I bought my first maltese as a pet a year ago, never knowing I'd want to do anything else and surely never dreaming I'd love the breed so much! She was on a limited registration and after discovering this site, my eyes were opened a bit and I became interested in showing. I was lucky and actually wound up with a pet maltese that was show quality from a reputable show breeder. It took going to the National maltese show in Arizona and other shows, getting to know people, and becoming involved with the show world to demonstrate to Lucy's breeder that I was really serious about becoming more involved with the breed and could be trusted with a changed registration. Only then, did she feel comfortable changing the registration to open so Lucy could be finished and then eventually bred. Due to circumstances beyond my control, I had to have Lucy spayed but that is how I got 'started'. 

My other girl Caddy that I have was entrusted to me after getting to know breeders on this site and I'm so happy to have her. The only reason I would even dream of breeding her is to hopefully get show quality puppies from her, and those puppies I will be keeping for myself, LOL! I guess that's the way I feel about it - if you aren't breeding to better the breed and for show prospects, it should probably be left to the people who do have that goal in mind, otherwise you venture into 'backyard breeder' territory. I can tell you this much - I doubt I will EVER make a profit from this and that is completely fine!

Please do not take offense to anything I have said, I'm not trying to imply anything here! You have obviously done a lot of research and please PLEASE be careful when making those phone calls! The breeders that will sell you dogs with open registration without getting to know you, with you just saying you want to breed maltese will most likely not have the best quality dogs to begin with. The people on this forum are very passionate about people who breed without regard to health or standard, so just wanted to mention that in case you get any replies that might not be the most friendly, that is where they stem from. 

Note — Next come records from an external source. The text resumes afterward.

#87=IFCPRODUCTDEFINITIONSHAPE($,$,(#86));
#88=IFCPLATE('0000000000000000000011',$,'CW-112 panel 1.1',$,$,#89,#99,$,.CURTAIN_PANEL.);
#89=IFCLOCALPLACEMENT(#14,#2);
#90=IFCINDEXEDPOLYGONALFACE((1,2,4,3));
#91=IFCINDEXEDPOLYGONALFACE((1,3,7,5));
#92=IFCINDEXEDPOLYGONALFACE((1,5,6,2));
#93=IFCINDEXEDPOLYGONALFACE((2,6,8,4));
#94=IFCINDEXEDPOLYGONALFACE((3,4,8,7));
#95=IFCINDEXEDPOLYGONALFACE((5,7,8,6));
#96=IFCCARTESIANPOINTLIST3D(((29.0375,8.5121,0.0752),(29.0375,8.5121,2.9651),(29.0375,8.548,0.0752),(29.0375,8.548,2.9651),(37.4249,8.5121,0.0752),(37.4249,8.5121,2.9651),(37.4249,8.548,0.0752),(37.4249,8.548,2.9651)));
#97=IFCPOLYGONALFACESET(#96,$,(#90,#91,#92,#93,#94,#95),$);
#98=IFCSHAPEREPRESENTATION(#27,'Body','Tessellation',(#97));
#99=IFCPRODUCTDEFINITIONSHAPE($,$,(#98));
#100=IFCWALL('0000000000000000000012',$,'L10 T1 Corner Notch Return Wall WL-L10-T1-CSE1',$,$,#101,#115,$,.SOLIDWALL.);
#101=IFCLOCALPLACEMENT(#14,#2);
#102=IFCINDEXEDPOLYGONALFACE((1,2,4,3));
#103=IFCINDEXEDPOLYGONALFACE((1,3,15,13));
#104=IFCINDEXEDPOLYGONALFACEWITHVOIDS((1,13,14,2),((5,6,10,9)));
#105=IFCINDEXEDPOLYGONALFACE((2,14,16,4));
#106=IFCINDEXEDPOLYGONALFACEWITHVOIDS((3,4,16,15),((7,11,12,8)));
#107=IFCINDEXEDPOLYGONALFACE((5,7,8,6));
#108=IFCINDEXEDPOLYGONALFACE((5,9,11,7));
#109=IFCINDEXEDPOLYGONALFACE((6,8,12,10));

Good luck to you! If you have any questions or need anything, feel free to PM me. And welcome to Spoiled Maltese!


----------



## HappyB (Feb 28, 2005)

What I am going to say is not directed to you personally, so please don't take it that way.

On any given day, a well known breeder will get a number of inquiries for pups. I'm a small breeder, and I still get several in a week. Usually the email is along the same lines: People wanting a dog for breeding. One I got today asked for open registration, and said that she wanted to breed it to her girl who had a champions in the pedigree. The only thing she asked about my dog was size. Usually, the second question is price. Rarely do I get questions asking about pedigree (although some are on my website), and I've never got one about health issues. So, while your intentions may be very good, you are penalized by all those who come before you who might not be. Too many breeders have been burned. Five years ago, it was a lot easier than it is today, and I'm sure that further back, it was even easier to find people to give open registration.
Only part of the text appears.